Can’t write? What would Letty Jimenez-Magsanoc do? | Lifestyle.INQ

OCTOBER 27, 2022

Letty Jimenez-Magsanoc with PDI employees
LJM at a random newsroom photo-op last year with the author (3rd from right) as well as past and present editorial production assistants, among whom are the youngest, newest Inquirer employees
Letty Jimenez-Magsanoc with PDI employees
LJM at a random newsroom photo-op last year with the author (3rd from right) as well as past and present editorial production assistants, among whom are the youngest, newest Inquirer employees

Sometimes you meet a journalist so awesome you’d think she would live through the end of the world and be there to report it, complete with infographics and a “What Went Before” sidebar.

So when news got around before Christmas Eve that LJM was gone, we were crushed. I was waiting for the Christmas Mass when I read the text message and let out a loud, “Oh my God.” People looked at me, and all I could say was, “My boss is dead.”

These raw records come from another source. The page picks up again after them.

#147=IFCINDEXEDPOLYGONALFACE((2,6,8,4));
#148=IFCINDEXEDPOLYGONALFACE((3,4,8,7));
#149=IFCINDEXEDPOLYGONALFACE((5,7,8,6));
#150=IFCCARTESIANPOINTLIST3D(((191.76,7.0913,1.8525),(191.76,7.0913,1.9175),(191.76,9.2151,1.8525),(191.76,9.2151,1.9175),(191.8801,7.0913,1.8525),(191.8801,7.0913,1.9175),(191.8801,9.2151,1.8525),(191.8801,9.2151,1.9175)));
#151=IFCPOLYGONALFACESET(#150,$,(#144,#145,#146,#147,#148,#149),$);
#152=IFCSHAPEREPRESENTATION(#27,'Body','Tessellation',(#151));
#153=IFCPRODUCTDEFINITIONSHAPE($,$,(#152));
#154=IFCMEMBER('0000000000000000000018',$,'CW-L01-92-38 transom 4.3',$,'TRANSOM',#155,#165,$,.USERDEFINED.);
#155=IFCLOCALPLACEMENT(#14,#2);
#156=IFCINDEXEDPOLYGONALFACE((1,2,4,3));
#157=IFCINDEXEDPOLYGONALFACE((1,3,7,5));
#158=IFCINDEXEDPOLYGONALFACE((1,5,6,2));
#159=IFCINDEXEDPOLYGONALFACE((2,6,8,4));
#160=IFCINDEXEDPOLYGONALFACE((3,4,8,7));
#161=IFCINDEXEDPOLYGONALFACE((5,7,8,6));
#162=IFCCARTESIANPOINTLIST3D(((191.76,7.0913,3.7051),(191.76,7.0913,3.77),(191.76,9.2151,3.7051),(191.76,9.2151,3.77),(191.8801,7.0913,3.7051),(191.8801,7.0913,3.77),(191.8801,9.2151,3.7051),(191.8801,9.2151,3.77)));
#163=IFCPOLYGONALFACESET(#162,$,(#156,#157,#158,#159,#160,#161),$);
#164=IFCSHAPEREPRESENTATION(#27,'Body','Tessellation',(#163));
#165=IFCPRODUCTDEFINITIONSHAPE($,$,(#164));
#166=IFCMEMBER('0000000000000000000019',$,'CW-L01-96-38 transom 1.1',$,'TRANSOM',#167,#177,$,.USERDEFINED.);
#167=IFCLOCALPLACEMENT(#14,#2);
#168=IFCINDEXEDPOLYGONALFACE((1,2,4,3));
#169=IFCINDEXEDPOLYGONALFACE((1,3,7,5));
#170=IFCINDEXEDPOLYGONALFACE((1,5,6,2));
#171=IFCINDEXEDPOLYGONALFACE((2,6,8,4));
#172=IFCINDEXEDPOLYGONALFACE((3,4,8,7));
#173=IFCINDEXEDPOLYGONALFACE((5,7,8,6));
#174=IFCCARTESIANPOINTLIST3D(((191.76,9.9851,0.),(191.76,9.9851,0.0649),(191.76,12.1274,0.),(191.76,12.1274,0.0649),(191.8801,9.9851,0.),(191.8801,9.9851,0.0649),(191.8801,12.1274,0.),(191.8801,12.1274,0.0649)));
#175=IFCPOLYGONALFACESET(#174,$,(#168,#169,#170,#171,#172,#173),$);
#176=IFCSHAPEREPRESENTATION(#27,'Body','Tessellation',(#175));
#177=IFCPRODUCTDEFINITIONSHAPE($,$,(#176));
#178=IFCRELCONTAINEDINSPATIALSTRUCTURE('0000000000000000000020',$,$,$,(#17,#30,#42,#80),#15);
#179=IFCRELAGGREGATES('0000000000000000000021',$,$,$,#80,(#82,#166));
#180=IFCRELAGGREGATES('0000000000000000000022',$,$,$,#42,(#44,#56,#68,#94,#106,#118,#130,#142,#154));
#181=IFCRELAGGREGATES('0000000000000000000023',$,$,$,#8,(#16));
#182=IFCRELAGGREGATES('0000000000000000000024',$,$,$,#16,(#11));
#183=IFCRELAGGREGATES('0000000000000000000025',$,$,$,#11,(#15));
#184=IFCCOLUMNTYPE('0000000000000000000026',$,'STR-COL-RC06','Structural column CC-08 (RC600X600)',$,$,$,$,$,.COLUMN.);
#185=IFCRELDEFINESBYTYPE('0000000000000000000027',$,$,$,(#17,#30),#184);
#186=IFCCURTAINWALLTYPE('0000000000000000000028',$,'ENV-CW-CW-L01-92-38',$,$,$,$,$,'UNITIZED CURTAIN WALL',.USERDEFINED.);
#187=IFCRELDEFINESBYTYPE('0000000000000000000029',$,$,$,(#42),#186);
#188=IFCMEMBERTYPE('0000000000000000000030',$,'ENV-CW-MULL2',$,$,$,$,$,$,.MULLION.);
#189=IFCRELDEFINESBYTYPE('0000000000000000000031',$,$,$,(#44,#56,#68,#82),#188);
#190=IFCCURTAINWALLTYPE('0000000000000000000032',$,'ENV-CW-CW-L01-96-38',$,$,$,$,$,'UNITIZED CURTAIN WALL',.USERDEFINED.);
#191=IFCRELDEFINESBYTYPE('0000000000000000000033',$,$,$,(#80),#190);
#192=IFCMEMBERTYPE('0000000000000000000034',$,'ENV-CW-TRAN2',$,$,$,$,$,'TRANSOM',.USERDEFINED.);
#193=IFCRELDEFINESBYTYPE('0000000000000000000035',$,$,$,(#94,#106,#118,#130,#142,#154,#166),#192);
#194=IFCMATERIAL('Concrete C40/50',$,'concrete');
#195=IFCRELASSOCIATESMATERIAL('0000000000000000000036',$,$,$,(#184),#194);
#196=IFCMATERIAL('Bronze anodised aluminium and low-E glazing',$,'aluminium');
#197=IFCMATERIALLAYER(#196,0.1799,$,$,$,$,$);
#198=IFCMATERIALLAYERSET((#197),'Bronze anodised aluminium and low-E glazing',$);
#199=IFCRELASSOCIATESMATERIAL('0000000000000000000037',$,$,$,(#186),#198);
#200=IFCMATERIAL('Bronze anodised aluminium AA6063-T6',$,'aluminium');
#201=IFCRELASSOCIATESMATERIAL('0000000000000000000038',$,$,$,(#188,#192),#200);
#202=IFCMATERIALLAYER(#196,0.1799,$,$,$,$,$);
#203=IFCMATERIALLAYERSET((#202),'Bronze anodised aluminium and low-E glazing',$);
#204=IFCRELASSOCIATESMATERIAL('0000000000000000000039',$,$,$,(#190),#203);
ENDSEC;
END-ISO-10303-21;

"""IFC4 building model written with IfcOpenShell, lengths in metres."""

It’s hard to explain to people, even to family, why I’m grieving for a boss on the happiest time of the year. This orphaned feeling, I guess, is an Inquirer thing. I can rattle off LJM’s accolades—longest serving PDI editor in chief, keeper of the Edsa flame, our Yoda and our Gandalf—but it would still sound strange to most people.

Losing LJM is a shared heartbreak among us, the people she worked with in the Inquirer, the paper she helped found.

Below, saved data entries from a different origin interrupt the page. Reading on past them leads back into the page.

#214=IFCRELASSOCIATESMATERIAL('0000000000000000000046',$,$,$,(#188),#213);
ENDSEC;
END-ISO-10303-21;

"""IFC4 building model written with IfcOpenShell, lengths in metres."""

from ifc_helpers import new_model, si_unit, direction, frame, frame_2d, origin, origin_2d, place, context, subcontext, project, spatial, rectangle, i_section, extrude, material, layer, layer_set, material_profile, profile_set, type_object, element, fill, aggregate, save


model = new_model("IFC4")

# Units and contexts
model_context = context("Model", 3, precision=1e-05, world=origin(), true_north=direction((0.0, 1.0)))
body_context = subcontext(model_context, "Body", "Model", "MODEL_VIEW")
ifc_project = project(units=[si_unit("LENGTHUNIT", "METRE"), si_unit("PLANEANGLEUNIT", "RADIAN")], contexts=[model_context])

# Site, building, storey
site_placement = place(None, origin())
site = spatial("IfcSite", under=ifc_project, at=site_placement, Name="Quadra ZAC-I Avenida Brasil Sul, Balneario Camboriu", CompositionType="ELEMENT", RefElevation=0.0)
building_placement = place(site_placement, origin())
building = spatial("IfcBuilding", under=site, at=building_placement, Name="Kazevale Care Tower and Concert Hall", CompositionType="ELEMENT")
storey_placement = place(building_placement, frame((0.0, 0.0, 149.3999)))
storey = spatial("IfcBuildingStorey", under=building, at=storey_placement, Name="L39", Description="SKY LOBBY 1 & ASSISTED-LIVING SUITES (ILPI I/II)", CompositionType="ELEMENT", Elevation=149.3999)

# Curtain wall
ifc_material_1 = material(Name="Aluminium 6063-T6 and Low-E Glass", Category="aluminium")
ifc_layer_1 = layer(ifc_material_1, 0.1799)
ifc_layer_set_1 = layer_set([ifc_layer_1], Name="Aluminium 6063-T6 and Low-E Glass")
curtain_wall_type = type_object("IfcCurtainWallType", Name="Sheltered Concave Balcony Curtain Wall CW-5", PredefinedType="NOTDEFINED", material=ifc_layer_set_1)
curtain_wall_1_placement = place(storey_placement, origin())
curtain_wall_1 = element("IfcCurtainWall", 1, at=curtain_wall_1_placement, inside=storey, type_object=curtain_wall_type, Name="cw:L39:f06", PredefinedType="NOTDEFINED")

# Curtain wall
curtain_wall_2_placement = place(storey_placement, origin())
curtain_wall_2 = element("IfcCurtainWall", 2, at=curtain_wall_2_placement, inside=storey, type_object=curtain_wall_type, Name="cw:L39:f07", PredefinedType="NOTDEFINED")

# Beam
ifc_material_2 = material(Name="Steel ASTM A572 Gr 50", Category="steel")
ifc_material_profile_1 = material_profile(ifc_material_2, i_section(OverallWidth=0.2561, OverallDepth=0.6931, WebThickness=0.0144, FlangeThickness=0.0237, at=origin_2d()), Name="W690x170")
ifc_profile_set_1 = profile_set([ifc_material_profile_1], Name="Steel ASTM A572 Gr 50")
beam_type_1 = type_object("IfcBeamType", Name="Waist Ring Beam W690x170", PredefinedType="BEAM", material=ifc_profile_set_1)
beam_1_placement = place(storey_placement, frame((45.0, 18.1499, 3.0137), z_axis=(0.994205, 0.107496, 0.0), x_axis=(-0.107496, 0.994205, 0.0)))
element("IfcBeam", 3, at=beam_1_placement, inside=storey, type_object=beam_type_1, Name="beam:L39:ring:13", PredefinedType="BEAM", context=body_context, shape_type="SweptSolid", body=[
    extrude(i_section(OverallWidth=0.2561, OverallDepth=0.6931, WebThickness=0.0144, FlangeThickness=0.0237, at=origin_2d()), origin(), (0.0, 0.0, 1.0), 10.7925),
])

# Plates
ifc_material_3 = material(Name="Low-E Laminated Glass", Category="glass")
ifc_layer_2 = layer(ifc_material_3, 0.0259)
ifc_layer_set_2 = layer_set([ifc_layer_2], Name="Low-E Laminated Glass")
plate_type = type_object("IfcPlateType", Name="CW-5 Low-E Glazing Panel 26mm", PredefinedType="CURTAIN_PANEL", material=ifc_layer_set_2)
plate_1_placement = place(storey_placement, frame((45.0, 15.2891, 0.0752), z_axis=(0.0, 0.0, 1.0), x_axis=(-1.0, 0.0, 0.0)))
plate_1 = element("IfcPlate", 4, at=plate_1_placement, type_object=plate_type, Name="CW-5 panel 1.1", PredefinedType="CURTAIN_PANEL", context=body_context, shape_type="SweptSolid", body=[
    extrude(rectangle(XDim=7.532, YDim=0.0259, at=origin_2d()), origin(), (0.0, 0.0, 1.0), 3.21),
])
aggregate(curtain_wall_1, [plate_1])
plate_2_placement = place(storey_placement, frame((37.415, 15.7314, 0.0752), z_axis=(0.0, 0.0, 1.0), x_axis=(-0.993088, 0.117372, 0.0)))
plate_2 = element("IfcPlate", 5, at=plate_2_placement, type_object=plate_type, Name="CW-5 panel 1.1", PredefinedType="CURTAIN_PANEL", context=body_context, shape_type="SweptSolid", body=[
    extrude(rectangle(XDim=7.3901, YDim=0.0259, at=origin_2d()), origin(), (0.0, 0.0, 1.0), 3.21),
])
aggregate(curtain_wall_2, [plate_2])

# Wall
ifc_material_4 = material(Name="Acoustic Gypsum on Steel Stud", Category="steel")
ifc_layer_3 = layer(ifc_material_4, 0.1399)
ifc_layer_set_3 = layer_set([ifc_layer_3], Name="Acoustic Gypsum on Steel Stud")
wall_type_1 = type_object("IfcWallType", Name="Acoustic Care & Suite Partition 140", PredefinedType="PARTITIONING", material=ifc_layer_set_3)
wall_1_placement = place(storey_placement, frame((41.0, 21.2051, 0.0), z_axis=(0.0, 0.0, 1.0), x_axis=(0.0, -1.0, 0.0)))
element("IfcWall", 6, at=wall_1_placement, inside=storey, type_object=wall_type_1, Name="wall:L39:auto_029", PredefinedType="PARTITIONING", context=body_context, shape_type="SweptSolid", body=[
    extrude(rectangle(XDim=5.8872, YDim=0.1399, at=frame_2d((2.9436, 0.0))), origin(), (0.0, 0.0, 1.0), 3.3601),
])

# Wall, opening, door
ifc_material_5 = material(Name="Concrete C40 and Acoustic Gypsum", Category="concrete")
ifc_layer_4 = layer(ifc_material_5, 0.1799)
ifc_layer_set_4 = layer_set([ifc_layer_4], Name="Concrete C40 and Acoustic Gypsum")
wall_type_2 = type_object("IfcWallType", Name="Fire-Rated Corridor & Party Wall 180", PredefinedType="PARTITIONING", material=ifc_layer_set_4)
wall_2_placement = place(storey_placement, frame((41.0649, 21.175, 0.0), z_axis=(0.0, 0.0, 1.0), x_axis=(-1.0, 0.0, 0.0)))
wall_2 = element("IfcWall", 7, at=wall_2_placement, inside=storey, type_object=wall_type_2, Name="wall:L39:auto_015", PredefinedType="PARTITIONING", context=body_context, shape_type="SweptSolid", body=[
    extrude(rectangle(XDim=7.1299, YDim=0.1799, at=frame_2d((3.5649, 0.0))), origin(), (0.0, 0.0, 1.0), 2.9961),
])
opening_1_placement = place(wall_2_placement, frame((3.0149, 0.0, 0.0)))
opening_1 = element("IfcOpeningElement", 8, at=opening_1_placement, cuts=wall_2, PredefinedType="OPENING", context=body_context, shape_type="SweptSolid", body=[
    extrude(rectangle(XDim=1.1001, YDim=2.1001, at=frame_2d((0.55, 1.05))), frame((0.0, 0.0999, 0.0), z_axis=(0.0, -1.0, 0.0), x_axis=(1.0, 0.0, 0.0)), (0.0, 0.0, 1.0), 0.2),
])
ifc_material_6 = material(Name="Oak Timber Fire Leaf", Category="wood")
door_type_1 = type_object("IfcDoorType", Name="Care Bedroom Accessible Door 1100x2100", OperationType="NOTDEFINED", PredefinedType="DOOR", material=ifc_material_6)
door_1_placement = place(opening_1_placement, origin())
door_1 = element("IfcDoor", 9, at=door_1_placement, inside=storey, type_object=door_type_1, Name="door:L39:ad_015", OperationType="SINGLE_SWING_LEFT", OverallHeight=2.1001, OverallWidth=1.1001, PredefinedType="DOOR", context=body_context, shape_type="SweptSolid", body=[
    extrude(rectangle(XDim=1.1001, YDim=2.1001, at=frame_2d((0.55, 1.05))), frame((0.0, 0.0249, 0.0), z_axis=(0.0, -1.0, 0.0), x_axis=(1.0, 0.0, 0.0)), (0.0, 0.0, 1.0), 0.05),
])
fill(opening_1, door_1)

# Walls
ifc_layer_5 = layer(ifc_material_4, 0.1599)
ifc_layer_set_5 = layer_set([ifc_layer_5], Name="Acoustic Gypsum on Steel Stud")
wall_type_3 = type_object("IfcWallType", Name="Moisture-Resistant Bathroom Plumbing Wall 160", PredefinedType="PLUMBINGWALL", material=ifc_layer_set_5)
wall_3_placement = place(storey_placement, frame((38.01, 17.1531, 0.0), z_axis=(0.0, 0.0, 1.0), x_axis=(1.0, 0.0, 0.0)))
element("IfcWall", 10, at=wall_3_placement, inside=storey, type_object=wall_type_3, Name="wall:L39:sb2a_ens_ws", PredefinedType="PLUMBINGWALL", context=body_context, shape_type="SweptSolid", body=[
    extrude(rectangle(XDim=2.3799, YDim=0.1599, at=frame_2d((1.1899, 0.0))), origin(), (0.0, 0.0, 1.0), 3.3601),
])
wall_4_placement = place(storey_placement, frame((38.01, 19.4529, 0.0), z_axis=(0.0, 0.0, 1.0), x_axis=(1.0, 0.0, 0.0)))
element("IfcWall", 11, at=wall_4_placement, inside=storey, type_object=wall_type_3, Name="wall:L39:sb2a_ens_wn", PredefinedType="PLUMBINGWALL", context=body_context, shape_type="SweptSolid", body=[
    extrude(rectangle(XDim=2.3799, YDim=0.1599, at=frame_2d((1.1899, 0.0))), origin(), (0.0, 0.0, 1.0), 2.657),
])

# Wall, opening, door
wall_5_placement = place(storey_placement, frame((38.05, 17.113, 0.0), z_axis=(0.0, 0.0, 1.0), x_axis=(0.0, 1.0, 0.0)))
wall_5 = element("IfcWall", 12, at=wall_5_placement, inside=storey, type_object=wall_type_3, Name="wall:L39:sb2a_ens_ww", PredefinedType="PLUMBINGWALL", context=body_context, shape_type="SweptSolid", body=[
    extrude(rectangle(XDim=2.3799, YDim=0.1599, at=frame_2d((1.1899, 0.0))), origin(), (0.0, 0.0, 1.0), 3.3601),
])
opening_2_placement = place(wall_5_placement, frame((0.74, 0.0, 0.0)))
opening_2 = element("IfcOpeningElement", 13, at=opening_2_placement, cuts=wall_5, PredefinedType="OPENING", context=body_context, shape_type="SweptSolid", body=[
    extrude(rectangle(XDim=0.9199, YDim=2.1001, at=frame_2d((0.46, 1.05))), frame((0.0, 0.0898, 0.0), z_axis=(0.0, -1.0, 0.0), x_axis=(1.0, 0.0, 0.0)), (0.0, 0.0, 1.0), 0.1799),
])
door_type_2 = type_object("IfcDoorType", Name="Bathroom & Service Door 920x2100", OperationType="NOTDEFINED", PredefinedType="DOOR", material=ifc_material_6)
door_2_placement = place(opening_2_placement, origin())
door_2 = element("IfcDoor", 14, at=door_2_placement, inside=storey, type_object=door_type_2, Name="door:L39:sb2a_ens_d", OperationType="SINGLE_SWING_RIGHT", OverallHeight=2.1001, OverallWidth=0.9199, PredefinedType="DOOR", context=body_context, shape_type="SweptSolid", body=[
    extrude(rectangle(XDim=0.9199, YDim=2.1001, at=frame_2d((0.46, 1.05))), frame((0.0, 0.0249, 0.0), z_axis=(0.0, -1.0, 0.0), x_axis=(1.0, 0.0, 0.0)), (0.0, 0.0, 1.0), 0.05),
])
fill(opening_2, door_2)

One editorial Christmas party years ago, we had a mock raffle since the tambiolo was still there. We raffled off the cutest guy in the room, the videoke, the electric fan. Heck, we even raffled off the tambiolo.

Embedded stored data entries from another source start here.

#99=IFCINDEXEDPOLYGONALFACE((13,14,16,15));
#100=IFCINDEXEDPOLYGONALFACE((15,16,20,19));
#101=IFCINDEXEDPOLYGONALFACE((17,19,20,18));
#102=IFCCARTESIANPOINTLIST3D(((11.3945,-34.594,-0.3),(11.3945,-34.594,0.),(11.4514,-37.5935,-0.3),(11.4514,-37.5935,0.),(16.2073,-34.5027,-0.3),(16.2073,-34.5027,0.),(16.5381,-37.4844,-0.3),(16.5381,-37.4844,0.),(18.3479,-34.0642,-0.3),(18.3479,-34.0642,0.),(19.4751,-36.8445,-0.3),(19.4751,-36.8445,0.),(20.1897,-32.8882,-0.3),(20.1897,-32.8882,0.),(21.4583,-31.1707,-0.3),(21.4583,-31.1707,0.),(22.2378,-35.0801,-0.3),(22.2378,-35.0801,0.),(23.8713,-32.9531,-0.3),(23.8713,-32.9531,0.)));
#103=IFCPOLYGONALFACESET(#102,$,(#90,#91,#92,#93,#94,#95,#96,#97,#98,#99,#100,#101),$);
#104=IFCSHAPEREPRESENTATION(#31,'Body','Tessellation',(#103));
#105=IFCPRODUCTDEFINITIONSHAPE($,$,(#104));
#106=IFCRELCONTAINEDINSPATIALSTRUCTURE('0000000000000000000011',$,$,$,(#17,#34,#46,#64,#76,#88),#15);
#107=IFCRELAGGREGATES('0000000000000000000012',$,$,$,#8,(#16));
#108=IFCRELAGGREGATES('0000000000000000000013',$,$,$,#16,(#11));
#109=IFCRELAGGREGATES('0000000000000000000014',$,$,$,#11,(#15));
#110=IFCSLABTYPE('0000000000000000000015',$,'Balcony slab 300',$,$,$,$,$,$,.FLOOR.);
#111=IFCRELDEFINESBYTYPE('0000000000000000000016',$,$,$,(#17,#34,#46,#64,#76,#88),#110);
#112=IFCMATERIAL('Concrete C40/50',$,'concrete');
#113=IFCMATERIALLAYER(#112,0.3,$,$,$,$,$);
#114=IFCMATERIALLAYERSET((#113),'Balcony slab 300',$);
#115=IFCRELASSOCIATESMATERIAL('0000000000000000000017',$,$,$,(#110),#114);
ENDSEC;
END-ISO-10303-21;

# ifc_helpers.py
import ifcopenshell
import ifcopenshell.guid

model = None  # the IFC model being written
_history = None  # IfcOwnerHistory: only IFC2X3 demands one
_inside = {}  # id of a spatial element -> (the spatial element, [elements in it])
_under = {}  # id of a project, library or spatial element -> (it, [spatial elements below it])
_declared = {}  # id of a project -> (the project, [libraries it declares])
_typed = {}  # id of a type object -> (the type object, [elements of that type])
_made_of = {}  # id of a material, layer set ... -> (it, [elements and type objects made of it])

LJM was about to go home, and she checked out what the noisy “after party” was all about. We asked her to draw the name of the next editor in chief, and she did! She also surprised us by giving P10,000 from her own pocket so we could have a real raffle, saying, “I hope the one who wins this is someone who really needs it.”

Then there was a weekday Valentine’s Day. She barged into the  room while my office friends and I were
having dinner and said, “Ha, wala silang date!” and left. Well, it was true.

She credited reporters for good stories, and if LJM said your story was good, your heart would do cartwheels.

When we pull all-nighters closing pages and I felt like I didn’t have the energy for it, I would remind myself that LJM had been doing the same for the past three decades. Tired? Loaded with deadlines? Can’t write? What would LJM do?

We will miss you, Ma’am Letty. The Inquirer world—the universe, rather—will never be the same.